Ejs Open Source Moon Phases Java Applet
« on: August 17, 2010, 11:49:40 PM »

Tides are the rise and fall of sea levels caused by the combined effects of the gravitational forces exerted by the Moon and the Sun (modeled) and the rotation of the Earth (not in the model yet).

Some shorelines experience two almost equal high tides and two low tides each day, called a semi-diurnal tide. Some locations experience only one high and one low tide each day, called a diurnal tide. Some locations experience two uneven tides a day, or sometimes one high and one low each day; this is called a mixed tide. The times and amplitude of the tides at a locale are influenced by the alignment of the Sun and Moon (modeled) . by the pattern of tides in the deep ocean, by the amphidromic systems of the oceans and by the shape of the coastline and near-shore bathymetry.
This model assumes the theoretical amplitude of oceanic tides.
The Sun causes tides, of which the theoretical amplitude is about 25 centimetres (46% of that of the moon) with a cycle time of 12 hours.

$\ x = 2 R_{earth} + 0.25 (2)$

$\ y = 2 R_{earth} - 0.25 (2)$

Moon causes tides is about 54 centimetres at the highest point, which corresponds to the amplitude that would be reached if the ocean possessed a uniform depth, there were no landmasses, and the Earth were rotating in step with the moon's orbit.

$\ x = 2 R_{earth} + |0.54 (2) cos \theta |$

$\ y = 2 R_{earth} + |0.54 (2) sin \theta |$

At spring tide the two effects add to each other to a theoretical level of 79 centimetres (31 in), while at neap tide the theoretical level is reduced to 29 centimetres (11 in). Since the orbits of the Earth about the sun, and the moon about the Earth, are elliptical, tidal amplitudes change somewhat as a result of the varying Earth–sun and Earth–moon distances.

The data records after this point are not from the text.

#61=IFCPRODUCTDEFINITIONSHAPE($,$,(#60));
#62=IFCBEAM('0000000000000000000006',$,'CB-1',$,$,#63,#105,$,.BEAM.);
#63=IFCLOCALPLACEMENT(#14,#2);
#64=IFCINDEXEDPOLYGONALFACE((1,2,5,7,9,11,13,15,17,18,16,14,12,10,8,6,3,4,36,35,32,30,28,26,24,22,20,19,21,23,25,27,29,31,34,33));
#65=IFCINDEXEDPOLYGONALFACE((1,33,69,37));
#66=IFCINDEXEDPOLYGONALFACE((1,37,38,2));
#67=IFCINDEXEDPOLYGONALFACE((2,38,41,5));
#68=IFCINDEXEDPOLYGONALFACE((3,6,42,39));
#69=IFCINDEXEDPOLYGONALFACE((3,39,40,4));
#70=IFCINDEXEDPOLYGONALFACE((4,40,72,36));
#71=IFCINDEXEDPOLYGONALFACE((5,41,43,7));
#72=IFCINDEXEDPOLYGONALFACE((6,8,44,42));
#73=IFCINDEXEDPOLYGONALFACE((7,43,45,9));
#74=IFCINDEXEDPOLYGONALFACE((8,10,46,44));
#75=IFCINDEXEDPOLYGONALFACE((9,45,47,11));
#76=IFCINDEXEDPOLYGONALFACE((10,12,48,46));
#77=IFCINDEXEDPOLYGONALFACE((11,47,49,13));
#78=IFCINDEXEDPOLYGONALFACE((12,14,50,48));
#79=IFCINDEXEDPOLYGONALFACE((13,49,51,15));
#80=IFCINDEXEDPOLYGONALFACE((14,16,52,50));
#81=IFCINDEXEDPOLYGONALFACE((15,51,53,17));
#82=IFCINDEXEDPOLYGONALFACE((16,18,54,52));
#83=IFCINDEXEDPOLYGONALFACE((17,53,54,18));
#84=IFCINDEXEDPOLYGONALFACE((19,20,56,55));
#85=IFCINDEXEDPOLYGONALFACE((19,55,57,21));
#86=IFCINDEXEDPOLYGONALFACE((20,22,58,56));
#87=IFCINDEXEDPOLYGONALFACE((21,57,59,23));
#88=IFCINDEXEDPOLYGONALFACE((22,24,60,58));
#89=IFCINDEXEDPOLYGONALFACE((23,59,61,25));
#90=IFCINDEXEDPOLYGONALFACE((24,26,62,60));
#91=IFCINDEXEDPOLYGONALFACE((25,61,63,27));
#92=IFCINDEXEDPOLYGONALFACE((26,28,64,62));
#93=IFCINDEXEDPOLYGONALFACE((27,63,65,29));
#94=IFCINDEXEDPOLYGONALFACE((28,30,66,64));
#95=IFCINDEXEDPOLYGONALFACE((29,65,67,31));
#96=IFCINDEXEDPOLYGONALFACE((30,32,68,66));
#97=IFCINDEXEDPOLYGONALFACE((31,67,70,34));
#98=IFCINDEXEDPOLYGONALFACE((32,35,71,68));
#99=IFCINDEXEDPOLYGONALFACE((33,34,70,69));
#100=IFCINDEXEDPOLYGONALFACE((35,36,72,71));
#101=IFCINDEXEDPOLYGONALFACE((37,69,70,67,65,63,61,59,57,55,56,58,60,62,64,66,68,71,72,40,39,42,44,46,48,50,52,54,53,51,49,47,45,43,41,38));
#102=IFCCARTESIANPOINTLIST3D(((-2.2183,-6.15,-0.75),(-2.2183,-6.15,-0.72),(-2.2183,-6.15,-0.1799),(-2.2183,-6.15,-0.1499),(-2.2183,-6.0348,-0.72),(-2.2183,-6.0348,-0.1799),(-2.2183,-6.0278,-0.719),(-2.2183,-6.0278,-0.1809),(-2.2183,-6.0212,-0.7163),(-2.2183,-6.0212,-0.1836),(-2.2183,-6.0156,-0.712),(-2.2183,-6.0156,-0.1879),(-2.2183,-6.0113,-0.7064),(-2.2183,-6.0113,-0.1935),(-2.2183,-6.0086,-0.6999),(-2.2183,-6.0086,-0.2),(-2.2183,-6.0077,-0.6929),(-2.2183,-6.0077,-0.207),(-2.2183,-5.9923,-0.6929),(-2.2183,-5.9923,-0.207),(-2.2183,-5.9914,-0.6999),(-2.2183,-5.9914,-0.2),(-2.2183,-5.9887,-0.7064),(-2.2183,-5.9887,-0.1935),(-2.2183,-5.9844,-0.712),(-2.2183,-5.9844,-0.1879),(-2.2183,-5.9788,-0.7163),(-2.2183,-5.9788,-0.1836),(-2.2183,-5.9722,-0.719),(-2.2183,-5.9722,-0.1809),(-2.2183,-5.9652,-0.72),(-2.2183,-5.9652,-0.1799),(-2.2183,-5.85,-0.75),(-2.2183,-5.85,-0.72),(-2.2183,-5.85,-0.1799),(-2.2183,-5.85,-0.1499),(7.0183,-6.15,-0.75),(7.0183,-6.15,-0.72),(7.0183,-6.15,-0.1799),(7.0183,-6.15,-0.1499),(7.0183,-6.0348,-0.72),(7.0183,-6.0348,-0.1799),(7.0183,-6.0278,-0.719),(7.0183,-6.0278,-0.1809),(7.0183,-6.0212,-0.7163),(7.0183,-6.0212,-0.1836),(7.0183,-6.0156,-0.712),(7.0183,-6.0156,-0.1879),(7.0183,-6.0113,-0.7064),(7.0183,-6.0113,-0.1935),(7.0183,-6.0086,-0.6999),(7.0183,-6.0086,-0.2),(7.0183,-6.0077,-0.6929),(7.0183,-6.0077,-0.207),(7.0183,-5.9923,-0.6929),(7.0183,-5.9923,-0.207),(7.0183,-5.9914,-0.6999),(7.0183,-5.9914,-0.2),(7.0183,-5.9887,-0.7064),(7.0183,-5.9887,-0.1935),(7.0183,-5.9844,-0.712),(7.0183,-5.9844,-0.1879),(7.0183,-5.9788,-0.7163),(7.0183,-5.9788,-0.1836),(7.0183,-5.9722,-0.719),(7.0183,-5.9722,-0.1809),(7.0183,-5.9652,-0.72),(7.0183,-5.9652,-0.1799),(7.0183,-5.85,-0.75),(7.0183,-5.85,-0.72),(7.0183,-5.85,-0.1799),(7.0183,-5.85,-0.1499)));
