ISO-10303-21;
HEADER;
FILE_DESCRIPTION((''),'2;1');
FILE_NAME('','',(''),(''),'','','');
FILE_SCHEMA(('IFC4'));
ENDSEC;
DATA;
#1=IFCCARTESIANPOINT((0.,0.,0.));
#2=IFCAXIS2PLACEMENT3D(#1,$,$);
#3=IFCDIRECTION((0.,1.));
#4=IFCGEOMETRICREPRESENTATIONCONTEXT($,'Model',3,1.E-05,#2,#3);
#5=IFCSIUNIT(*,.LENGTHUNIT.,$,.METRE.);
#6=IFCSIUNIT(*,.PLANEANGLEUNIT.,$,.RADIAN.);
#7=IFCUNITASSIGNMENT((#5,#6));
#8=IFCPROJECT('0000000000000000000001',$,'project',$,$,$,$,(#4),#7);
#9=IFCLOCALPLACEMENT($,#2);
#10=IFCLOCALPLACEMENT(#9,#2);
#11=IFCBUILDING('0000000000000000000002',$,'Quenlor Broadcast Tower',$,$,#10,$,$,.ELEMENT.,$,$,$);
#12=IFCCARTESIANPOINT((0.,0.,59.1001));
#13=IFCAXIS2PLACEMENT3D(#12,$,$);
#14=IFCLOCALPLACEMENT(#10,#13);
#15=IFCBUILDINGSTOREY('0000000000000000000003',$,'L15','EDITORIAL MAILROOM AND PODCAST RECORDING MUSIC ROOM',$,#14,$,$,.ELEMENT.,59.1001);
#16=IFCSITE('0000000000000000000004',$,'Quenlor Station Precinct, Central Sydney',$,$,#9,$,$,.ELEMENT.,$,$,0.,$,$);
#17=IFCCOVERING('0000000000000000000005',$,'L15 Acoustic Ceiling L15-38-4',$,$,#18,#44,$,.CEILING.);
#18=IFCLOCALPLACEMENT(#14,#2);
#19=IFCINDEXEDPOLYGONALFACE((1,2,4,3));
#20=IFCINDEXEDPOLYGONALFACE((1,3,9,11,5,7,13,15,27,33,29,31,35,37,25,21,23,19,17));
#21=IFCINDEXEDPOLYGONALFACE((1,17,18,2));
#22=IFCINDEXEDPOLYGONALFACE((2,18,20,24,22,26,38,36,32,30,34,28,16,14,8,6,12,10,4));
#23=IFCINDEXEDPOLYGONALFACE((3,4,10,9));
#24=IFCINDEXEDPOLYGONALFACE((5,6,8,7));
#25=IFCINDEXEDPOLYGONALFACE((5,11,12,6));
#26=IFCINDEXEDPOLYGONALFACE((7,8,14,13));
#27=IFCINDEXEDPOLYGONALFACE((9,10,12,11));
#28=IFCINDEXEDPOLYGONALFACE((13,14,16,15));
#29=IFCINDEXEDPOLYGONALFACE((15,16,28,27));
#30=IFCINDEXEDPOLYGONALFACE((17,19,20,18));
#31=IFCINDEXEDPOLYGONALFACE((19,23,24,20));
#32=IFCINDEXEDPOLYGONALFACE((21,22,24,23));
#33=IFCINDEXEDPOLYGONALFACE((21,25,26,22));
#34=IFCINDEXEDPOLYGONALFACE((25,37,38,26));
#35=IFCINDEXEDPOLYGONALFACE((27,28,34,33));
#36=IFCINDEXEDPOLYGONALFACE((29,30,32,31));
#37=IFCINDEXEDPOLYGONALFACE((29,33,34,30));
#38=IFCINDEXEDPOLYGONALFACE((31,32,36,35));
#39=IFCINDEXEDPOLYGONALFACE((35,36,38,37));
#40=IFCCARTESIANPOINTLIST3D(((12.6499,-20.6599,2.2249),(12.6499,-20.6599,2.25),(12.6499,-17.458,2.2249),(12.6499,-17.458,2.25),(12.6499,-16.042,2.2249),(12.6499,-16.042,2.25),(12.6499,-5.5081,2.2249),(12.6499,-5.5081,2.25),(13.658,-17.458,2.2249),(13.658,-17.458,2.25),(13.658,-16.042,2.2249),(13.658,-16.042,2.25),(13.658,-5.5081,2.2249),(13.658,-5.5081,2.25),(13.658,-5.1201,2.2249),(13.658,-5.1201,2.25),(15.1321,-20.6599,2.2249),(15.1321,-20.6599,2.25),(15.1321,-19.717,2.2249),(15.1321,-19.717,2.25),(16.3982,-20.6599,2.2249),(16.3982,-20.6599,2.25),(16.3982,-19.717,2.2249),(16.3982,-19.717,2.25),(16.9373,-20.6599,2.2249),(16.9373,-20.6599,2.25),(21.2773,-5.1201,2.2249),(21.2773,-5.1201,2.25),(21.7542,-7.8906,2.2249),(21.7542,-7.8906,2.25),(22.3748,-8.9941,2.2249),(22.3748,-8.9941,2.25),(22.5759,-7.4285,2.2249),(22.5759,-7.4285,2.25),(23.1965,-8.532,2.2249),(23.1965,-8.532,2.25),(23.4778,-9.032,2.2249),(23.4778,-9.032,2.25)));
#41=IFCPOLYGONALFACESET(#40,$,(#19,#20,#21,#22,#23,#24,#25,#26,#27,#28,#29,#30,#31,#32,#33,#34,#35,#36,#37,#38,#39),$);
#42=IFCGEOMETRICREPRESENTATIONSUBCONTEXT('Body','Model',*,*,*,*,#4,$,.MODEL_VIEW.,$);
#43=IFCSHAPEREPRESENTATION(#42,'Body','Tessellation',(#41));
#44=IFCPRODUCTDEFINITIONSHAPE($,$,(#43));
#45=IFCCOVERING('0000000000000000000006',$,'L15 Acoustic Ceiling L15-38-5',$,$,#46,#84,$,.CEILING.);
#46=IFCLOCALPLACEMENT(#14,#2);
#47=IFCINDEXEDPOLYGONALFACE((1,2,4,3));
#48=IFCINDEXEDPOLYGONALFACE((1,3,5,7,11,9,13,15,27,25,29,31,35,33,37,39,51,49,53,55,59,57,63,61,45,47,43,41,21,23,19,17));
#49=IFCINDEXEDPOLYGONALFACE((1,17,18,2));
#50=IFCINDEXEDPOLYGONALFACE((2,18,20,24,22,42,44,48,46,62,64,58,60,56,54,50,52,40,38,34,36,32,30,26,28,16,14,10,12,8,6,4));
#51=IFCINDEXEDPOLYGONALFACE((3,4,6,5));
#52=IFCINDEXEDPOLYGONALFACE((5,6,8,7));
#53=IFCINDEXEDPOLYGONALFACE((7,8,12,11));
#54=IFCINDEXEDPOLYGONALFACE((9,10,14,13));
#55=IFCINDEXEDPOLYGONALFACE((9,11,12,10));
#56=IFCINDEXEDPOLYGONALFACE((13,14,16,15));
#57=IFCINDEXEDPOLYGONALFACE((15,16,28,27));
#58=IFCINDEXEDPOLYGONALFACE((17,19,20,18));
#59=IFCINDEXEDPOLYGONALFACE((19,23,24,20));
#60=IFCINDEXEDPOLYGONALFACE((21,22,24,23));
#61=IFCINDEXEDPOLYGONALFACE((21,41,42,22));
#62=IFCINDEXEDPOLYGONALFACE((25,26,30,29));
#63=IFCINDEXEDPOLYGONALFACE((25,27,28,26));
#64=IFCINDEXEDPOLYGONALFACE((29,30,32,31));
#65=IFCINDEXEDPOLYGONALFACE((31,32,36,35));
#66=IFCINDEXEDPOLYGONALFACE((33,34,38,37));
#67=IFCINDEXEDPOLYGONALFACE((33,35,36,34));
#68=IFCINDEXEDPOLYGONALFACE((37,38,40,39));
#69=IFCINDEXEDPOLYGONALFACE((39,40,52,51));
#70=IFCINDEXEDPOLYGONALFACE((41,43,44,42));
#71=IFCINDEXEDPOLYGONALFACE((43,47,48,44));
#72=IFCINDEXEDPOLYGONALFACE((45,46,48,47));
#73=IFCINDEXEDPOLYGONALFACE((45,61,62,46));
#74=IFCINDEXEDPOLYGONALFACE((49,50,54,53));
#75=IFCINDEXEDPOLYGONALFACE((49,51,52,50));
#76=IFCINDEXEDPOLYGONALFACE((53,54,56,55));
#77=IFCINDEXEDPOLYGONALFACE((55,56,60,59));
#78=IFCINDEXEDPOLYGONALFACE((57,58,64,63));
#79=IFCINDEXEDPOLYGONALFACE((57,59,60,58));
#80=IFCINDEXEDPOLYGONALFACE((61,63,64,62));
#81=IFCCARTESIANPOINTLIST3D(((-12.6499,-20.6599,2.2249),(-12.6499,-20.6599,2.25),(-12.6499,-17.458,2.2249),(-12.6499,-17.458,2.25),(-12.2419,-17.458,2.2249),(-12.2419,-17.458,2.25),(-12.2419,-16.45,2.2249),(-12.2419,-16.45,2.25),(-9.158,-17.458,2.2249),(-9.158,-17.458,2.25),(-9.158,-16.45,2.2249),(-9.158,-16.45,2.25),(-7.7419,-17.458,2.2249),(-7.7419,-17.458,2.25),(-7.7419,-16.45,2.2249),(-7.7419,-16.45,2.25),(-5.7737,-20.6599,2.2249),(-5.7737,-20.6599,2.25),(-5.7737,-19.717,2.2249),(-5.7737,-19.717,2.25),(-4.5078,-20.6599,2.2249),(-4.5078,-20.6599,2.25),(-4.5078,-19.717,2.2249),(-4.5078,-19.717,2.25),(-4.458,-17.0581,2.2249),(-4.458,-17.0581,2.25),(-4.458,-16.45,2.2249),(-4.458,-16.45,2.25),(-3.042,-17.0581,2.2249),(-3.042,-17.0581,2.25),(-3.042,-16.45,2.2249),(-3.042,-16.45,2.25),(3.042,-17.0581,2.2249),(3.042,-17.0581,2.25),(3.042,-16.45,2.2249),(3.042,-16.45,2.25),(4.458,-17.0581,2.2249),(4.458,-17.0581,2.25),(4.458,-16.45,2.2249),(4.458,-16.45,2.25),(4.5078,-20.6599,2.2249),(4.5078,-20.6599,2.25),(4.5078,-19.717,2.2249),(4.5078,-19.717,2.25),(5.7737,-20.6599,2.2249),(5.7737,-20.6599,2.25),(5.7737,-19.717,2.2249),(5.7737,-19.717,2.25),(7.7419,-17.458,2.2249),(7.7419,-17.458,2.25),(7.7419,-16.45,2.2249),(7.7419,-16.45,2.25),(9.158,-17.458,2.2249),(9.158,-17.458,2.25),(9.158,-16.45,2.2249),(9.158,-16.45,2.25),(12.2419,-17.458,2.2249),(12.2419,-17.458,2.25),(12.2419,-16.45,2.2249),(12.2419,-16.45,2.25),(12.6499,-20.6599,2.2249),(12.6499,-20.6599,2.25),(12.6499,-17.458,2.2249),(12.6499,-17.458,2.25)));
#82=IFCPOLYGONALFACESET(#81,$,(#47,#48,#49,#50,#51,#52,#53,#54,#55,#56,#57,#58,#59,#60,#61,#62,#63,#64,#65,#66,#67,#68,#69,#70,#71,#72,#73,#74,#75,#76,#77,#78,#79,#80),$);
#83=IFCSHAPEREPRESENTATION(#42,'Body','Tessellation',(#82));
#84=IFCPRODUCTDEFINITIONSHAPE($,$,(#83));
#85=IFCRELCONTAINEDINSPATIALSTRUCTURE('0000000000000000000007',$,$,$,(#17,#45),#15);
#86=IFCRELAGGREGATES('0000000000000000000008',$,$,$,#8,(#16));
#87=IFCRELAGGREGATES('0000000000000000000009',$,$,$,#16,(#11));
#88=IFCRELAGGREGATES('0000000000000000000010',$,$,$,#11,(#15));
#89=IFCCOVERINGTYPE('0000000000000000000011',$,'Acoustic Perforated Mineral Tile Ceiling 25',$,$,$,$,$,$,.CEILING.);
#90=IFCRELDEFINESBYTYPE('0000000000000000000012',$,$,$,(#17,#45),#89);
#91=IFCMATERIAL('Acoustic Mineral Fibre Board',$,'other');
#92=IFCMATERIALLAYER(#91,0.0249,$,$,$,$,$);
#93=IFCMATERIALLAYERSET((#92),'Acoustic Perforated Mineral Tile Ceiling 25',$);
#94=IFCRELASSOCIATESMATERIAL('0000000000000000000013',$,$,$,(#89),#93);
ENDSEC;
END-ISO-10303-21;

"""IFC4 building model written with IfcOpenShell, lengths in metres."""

from ifc_helpers import new_model, si_unit, direction, frame, origin, place, context, subcontext, project, spatial, polyline, outline, extrude, material, layer, layer_set, type_object, element, save


model = new_model("IFC4")

# Units and contexts
model_context = context("Model", 3, precision=1e-05, world=origin(), true_north=direction((0.0, 1.0)))
body_context = subcontext(model_context, "Body", "Model", "MODEL_VIEW")
ifc_project = project(units=[si_unit("LENGTHUNIT", "METRE"), si_unit("PLANEANGLEUNIT", "RADIAN")], contexts=[model_context])

# Site, building, storey
site_placement = place(None, origin())
site = spatial("IfcSite", under=ifc_project, at=site_placement, Name="Quenlor Station Precinct, Central Sydney", CompositionType="ELEMENT", RefElevation=0.0)
building_placement = place(site_placement, origin())
building = spatial("IfcBuilding", under=site, at=building_placement, Name="Quenlor Broadcast Tower", CompositionType="ELEMENT")
storey_placement = place(building_placement, frame((0.0, 0.0, 59.1001)))
storey = spatial("IfcBuildingStorey", under=building, at=storey_placement, Name="L15", Description="EDITORIAL MAILROOM AND PODCAST RECORDING MUSIC ROOM", CompositionType="ELEMENT", Elevation=59.1001)

# Coverings
ifc_material_1 = material(Name="Acoustic Mineral Fibre Board", Category="other")
ifc_layer_1 = layer(ifc_material_1, 0.0249)
ifc_layer_set_1 = layer_set([ifc_layer_1], Name="Acoustic Perforated Mineral Tile Ceiling 25")
covering_type = type_object("IfcCoveringType", Name="Acoustic Perforated Mineral Tile Ceiling 25", PredefinedType="CEILING", material=ifc_layer_set_1)
covering_1_placement = place(storey_placement, frame((0.0, 0.0, 2.2249)))
element("IfcCovering", 1, at=covering_1_placement, inside=storey, type_object=covering_type, Name="L15 Acoustic Ceiling L15-38-4", PredefinedType="CEILING", context=body_context, shape_type="SweptSolid", body=[
    extrude(outline(polyline([(13.658, -17.458), (13.658, -16.042), (12.6499, -16.042), (12.6499, -5.5081), (13.658, -5.5081), (13.658, -5.1201), (21.2773, -5.1201), (22.5759, -7.4285), (21.7542, -7.8906), (22.3748, -8.9941), (23.1965, -8.532), (23.4778, -9.032), (16.9373, -20.6599), (16.3982, -20.6599), (16.3982, -19.717), (15.1321, -19.717), (15.1321, -20.6599), (12.6499, -20.6599), (12.6499, -17.458), (13.658, -17.458)])), origin(), (0.0, 0.0, 1.0), 0.0251),
])
covering_2_placement = place(storey_placement, frame((0.0, 0.0, 2.2249)))
element("IfcCovering", 2, at=covering_2_placement, inside=storey, type_object=covering_type, Name="L15 Acoustic Ceiling L15-38-5", PredefinedType="CEILING", context=body_context, shape_type="SweptSolid", body=[
    extrude(outline(polyline([(-12.2419, -17.458), (-12.2419, -16.45), (-9.158, -16.45), (-9.158, -17.458), (-7.7419, -17.458), (-7.7419, -16.45), (-4.458, -16.45), (-4.458, -17.0581), (-3.042, -17.0581), (-3.042, -16.45), (3.042, -16.45), (3.042, -17.0581), (4.458, -17.0581), (4.458, -16.45), (7.7419, -16.45), (7.7419, -17.458), (9.158, -17.458), (9.158, -16.45), (12.2419, -16.45), (12.2419, -17.458), (12.6499, -17.458), (12.6499, -20.6599), (5.7737, -20.6599), (5.7737, -19.717), (4.5078, -19.717), (4.5078, -20.6599), (-4.5078, -20.6599), (-4.5078, -19.717), (-5.7737, -19.717), (-5.7737, -20.6599), (-12.6499, -20.6599), (-12.6499, -17.458), (-12.2419, -17.458)])), origin(), (0.0, 0.0, 1.0), 0.0251),
])

save(model, "model.ifc")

The combined tidal visualization effect will be:

$\ x = 2 R_{earth} + 0.25 (2) + |0.54 (2) cos \theta |$

$\ y = 2 R_{earth} + 0.25 (2 )+ |0.54 (2) sin \theta |$

Real amplitudes differ considerably, not only because of depth variations and continental obstacles, but also because wave propagation across the ocean has a natural period of the same order of magnitude as the rotation period: if there were no land masses, it would take about 30 hours for a long wavelength surface wave to propagate along the equator halfway around the Earth (by comparison, the Earth's lithosphere has a natural period of about 57 minutes). Earth tides, which raise and lower the bottom of the ocean, and the tide's own gravitational self attraction are both significant and further complicate the ocean's response to tidal forces.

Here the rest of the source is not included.